# mixing more mud?



## 37chambers (Oct 5, 2013)

Good day fellas. I am wondering if anyone has any suggestions on how to extend my mud pump to fit in a taller pail. I have a 2500 square foot basement with drywalled ceilings to start on Monday morning. I work alone and i would like to mix 3-5 boxes at once in a trash can or something I hate when your just flying with the zook and you have to stop and mix mud. not so bad if you have a crew, with 1 man I find it a pita. the mud-hog looks kind of cool but i am not spending $1200 on it or even $500 for that matter for what it is. I was just thinking of somehow attaching a tube on my pump to make it reach down to the bottom of a trash can. My issue is i want it to be removable so i can still use my pump with 5 gallon pails. If anyone has any suggestions or another idea for pumping a bunch of mud at once, I am sure I am not the only 1 man show that get sick of stopping to mix mud.


----------



## taper71 (Dec 9, 2007)

I usually will mix up 5 boxes and go at it. By the time 2 are done,I need a break, after 5 boxes I'm usually done the bazooka work.


----------



## chris (Apr 13, 2011)

mix it in the box and dump it in the bucket when bucket gets low, you will need a small paddle.


----------



## icerock drywall (Nov 13, 2010)

37chambers said:


> Good day fellas. I am wondering if anyone has any suggestions on how to extend my mud pump to fit in a taller pail. I have a 2500 square foot basement with drywalled ceilings to start on Monday morning. I work alone and i would like to mix 3-5 boxes at once in a trash can or something I hate when your just flying with the zook and you have to stop and mix mud. not so bad if you have a crew, with 1 man I find it a pita. the mud-hog looks kind of cool but i am not spending $1200 on it or even $500 for that matter for what it is. I was just thinking of somehow attaching a tube on my pump to make it reach down to the bottom of a trash can. My issue is i want it to be removable so i can still use my pump with 5 gallon pails. If anyone has any suggestions or another idea for pumping a bunch of mud at once, I am sure I am not the only 1 man show that get sick of stopping to mix mud.
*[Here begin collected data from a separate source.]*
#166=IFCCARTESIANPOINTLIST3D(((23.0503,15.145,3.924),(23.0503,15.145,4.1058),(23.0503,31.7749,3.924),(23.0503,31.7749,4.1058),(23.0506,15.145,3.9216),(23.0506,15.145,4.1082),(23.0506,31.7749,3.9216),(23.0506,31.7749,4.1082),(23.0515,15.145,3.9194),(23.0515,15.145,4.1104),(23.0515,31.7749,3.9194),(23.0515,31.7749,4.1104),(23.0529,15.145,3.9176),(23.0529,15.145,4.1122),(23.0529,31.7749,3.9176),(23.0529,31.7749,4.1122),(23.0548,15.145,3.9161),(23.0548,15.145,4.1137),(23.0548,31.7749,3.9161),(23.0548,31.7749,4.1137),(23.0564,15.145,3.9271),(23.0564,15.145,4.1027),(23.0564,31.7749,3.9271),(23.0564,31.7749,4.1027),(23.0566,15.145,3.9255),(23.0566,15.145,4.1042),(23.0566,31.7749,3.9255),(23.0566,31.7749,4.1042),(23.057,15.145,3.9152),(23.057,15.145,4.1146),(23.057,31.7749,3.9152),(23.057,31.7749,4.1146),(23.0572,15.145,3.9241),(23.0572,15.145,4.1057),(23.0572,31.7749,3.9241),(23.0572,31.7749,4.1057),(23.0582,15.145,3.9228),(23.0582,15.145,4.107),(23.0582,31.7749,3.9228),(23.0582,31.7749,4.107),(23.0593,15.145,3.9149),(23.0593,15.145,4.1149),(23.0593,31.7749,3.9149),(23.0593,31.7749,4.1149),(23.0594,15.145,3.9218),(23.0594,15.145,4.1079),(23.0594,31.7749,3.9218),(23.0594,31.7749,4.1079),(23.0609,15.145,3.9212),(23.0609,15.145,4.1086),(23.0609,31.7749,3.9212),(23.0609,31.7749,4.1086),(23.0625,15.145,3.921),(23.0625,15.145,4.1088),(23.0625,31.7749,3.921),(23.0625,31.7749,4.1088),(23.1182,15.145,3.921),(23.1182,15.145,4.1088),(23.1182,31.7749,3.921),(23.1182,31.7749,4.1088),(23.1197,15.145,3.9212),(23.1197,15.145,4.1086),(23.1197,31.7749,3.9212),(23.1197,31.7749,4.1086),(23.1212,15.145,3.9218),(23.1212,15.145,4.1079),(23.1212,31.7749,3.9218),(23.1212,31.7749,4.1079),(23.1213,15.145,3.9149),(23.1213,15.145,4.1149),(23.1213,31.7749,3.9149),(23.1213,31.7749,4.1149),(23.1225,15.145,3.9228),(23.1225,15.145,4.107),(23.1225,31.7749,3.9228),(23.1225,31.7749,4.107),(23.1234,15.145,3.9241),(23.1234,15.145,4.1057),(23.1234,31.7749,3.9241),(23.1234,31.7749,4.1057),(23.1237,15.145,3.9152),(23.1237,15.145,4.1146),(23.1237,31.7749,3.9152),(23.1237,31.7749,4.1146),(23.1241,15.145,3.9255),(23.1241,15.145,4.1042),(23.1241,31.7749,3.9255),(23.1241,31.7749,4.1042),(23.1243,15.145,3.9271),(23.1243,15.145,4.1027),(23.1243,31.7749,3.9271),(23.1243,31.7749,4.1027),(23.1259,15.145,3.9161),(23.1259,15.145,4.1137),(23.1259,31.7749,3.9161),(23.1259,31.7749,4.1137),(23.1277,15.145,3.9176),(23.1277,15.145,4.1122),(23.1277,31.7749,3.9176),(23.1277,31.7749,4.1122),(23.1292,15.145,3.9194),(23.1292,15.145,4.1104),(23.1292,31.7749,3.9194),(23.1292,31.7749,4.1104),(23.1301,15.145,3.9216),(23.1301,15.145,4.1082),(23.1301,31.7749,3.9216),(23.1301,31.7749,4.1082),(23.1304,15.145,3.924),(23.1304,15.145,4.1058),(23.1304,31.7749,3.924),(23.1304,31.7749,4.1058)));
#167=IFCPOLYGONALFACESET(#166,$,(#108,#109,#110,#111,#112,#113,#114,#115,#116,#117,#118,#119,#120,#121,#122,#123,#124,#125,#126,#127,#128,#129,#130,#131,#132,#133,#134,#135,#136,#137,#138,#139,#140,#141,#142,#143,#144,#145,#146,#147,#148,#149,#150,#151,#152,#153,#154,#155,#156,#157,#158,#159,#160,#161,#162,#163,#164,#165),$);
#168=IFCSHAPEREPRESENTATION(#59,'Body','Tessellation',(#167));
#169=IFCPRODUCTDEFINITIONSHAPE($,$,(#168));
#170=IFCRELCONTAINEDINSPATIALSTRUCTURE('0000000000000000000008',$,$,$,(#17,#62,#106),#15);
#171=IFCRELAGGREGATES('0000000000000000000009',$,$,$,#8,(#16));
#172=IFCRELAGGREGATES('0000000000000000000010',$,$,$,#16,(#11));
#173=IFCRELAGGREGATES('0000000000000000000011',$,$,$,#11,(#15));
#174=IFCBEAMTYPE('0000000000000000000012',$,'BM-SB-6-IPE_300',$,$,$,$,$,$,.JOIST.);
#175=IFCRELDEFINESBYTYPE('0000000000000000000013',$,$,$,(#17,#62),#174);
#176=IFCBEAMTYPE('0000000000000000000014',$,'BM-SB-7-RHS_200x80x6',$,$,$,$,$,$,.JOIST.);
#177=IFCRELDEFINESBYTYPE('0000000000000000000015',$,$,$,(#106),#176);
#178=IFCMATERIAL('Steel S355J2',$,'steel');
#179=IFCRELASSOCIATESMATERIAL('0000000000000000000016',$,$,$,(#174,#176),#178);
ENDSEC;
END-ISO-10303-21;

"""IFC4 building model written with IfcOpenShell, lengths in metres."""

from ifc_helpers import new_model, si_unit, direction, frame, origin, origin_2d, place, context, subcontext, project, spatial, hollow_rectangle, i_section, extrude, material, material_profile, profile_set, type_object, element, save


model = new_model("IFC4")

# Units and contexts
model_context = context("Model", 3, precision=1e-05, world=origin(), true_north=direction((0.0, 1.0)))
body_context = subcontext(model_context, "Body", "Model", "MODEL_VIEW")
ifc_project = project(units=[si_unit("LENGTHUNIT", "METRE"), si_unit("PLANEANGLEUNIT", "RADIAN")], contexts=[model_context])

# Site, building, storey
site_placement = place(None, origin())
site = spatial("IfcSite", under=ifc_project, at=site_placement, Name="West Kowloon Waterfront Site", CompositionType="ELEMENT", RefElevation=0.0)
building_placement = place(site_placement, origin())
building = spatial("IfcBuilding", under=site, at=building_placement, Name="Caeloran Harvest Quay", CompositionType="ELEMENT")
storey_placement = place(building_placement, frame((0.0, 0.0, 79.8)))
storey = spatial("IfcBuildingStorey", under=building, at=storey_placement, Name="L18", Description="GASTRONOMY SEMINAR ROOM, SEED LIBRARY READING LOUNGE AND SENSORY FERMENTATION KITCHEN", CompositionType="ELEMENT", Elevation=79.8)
 how much money are you willing to spend?


----------



## 37chambers (Oct 5, 2013)

icerock drywall said:


> how much money are you willing to spend?
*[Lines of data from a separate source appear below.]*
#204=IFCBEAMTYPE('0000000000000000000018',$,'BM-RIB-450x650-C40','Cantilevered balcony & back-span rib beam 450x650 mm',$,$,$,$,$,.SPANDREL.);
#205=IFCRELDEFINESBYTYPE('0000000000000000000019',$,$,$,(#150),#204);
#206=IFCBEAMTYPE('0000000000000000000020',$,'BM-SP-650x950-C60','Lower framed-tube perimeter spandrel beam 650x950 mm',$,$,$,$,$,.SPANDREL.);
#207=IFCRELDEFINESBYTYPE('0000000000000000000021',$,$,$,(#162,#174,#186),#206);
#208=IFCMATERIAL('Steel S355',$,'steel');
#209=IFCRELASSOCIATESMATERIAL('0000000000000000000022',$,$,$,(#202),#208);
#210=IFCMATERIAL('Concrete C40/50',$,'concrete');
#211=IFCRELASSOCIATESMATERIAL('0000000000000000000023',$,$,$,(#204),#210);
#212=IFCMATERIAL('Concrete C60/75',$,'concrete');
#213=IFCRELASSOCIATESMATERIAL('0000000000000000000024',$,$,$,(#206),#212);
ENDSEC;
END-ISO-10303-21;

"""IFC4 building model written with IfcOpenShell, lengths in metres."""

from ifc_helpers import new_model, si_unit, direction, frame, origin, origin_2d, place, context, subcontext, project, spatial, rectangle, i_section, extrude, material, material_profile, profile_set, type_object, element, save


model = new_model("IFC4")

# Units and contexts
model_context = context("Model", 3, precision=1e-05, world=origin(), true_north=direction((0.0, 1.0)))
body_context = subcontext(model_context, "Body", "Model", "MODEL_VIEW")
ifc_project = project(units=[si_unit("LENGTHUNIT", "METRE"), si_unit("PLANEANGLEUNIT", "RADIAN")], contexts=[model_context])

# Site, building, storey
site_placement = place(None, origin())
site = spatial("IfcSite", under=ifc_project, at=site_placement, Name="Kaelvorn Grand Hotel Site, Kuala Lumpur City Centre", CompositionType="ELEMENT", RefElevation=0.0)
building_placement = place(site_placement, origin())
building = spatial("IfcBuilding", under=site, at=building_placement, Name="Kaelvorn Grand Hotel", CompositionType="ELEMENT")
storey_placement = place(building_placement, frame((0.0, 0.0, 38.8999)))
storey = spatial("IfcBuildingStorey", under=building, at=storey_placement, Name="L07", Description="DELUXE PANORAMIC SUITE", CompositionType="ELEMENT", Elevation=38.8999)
I guess that depends on what I get for how much. I have no issues spending money on tools if I can justify the cost. What do you have in mind?


----------



## icerock drywall (Nov 13, 2010)

I am making a auto pump that will fill my tube,boxtools, and a zook. it holds 4 box of mud. the zook will sit into a nest and then you just push it down to fill it...no turning it on or off the zook will hit the switch.


----------



## 37chambers (Oct 5, 2013)

icerock drywall said:


> I am making a auto pump that will fill my tube,boxtools, and a zook. it holds 4 box of mud. the zook will sit into a nest and then you just push it down to fill it...no turning it on or off the zook will hit the switch.
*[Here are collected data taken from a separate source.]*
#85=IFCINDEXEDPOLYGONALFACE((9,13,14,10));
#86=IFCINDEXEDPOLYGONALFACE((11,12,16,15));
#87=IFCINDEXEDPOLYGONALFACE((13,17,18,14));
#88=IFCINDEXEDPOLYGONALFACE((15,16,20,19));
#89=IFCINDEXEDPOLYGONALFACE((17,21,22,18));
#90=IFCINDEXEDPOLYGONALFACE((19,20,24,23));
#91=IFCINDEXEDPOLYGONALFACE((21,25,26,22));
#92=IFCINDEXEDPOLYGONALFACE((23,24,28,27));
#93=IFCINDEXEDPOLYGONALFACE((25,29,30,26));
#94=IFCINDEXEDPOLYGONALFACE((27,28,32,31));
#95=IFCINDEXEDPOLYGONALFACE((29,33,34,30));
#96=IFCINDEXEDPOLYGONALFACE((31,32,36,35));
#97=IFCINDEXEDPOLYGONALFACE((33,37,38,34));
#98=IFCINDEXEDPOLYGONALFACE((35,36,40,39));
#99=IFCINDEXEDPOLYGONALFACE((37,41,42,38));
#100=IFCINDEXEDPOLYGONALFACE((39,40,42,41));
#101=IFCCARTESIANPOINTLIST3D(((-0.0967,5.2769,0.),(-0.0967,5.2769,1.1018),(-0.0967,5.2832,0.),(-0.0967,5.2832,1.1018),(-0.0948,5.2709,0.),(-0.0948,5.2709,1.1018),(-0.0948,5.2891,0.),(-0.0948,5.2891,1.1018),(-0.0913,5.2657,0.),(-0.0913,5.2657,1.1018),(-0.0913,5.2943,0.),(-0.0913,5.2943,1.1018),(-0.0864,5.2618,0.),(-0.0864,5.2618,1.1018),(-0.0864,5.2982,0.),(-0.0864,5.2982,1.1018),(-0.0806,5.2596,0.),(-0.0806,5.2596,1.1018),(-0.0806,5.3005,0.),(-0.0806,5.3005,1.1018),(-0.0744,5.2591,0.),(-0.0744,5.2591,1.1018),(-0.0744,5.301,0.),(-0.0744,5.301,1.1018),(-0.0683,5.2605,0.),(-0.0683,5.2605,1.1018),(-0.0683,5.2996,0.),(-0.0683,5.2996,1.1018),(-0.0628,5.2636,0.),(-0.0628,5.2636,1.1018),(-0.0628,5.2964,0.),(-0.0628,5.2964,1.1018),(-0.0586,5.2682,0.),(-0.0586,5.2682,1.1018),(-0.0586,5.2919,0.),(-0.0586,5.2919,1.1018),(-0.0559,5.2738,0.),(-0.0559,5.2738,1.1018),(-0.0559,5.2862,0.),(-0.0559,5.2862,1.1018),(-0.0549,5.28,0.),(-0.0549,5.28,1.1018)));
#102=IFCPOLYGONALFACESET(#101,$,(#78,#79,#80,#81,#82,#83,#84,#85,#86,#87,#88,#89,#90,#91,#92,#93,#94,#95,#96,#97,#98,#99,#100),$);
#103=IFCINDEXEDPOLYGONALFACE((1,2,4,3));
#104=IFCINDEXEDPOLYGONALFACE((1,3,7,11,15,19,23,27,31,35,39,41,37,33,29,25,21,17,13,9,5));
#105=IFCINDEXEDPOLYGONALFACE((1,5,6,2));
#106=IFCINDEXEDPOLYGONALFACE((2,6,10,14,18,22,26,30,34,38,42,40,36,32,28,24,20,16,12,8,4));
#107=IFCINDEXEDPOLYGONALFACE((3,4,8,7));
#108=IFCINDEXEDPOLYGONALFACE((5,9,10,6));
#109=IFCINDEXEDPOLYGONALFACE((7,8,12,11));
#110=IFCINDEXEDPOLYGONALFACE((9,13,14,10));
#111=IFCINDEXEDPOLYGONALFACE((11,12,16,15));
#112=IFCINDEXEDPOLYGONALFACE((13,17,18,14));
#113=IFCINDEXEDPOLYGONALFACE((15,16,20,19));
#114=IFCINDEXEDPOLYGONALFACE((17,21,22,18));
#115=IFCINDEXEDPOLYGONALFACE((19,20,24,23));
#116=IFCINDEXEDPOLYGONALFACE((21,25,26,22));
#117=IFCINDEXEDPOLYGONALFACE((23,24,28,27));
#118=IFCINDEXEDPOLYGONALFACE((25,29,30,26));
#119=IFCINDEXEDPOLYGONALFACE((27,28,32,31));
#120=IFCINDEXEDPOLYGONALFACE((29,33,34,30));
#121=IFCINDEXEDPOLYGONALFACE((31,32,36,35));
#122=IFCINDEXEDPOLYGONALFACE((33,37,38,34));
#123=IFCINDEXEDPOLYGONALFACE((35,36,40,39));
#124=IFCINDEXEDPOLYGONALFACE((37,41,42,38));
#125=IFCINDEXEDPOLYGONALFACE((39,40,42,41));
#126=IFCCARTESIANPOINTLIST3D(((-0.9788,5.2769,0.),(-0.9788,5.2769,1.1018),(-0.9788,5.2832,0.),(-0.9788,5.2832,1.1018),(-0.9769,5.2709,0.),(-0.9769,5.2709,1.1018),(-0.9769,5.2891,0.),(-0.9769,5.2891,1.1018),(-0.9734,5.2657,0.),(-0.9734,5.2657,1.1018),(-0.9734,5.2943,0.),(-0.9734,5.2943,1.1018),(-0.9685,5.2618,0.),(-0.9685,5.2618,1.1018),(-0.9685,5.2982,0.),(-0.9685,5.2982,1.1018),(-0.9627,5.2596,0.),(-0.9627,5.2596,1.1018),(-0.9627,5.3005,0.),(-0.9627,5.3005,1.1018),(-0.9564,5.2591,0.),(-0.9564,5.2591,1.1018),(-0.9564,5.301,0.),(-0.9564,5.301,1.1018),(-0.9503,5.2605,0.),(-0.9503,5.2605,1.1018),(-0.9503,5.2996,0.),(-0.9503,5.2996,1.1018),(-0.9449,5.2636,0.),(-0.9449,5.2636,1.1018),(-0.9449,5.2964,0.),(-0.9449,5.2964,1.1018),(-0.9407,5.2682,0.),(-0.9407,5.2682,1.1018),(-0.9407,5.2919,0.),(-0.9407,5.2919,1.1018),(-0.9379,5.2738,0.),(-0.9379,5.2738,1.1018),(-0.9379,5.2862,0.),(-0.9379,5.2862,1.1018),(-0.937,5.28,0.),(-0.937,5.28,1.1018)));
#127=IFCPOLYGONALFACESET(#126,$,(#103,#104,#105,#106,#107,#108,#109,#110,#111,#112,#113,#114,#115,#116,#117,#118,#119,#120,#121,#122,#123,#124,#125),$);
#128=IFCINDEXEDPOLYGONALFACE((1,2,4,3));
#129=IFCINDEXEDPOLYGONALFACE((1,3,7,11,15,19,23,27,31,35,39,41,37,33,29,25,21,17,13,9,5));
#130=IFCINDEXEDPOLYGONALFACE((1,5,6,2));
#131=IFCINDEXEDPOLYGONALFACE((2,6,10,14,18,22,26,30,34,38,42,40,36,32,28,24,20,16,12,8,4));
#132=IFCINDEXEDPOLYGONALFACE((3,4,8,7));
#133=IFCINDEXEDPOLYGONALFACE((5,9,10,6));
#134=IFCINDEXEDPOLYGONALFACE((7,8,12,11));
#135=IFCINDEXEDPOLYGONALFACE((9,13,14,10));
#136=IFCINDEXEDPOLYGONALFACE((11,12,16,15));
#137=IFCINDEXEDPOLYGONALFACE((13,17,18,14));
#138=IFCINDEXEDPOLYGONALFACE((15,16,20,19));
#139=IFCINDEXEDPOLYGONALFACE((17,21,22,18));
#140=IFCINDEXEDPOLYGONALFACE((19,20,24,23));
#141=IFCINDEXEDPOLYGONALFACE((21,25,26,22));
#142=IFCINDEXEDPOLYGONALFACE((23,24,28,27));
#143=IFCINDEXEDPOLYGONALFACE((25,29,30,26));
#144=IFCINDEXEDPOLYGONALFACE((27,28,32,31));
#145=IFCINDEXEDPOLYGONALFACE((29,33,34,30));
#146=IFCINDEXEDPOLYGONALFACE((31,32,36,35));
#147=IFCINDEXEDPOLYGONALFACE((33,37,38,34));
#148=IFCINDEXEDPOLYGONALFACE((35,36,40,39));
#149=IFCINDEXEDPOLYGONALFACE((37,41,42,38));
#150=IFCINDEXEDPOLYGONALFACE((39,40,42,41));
I am very interested to see what you rig up and how it works. When I am done the basement, the board should be ready in the 2 24 plex's i start in a couple weeks this could be handy.


----------



## Trim-Tex (May 4, 2011)

Best bang for your buck. Our Auto-mixer
Do a search on DWT

Heres a review from SMISNER50s:

Re: new mixer from trim tex
here is a pic of the mixer in action .even though you cant tell it moving...but it works great it pulls all the mud from every angle of the bucket ...i was sceptial at first but after using it its kinda like i hired a addiontal employe that works for free..wile im doing outher stuff i just put a bucket of mud on and go back to work taping or coating come back and done its really awsome product..thanks trim tex


----------



## moore (Dec 2, 2010)

http://www.wayfair.com/Norwesco-Round-Galvanized-Wash-Tub-458038-YUE1067.html


----------



## Tim0282 (Jan 8, 2008)

I bought one of the Auto Mixers.
The motor burned up rather soon, I thought.
And the tool guy that I have fix other electrical motors (ie. Porter Cable 7800 sander) says he can't get parts.
Any idea where to get the motor built or a new drill. Wondering if I could put the head on a different drill. Maybe one that is 10amp instead of 7.5.




Trim-Tex said:


> Best bang for your buck. Our Auto-mixer
> Do a search on DWT
> 
> Heres a review from SMISNER50s:
> ...


----------



## 37chambers (Oct 5, 2013)

Tim0282 said:


> I bought one of the Auto Mixers.
> The motor burned up rather soon, I thought.
> And the tool guy that I have fix other electrical motors (ie. Porter Cable 7800 sander) says he can't get parts.
> Any idea where to get the motor built or a new drill. Wondering if I could put the head on a different drill. Maybe one that is 10amp instead of 7.5.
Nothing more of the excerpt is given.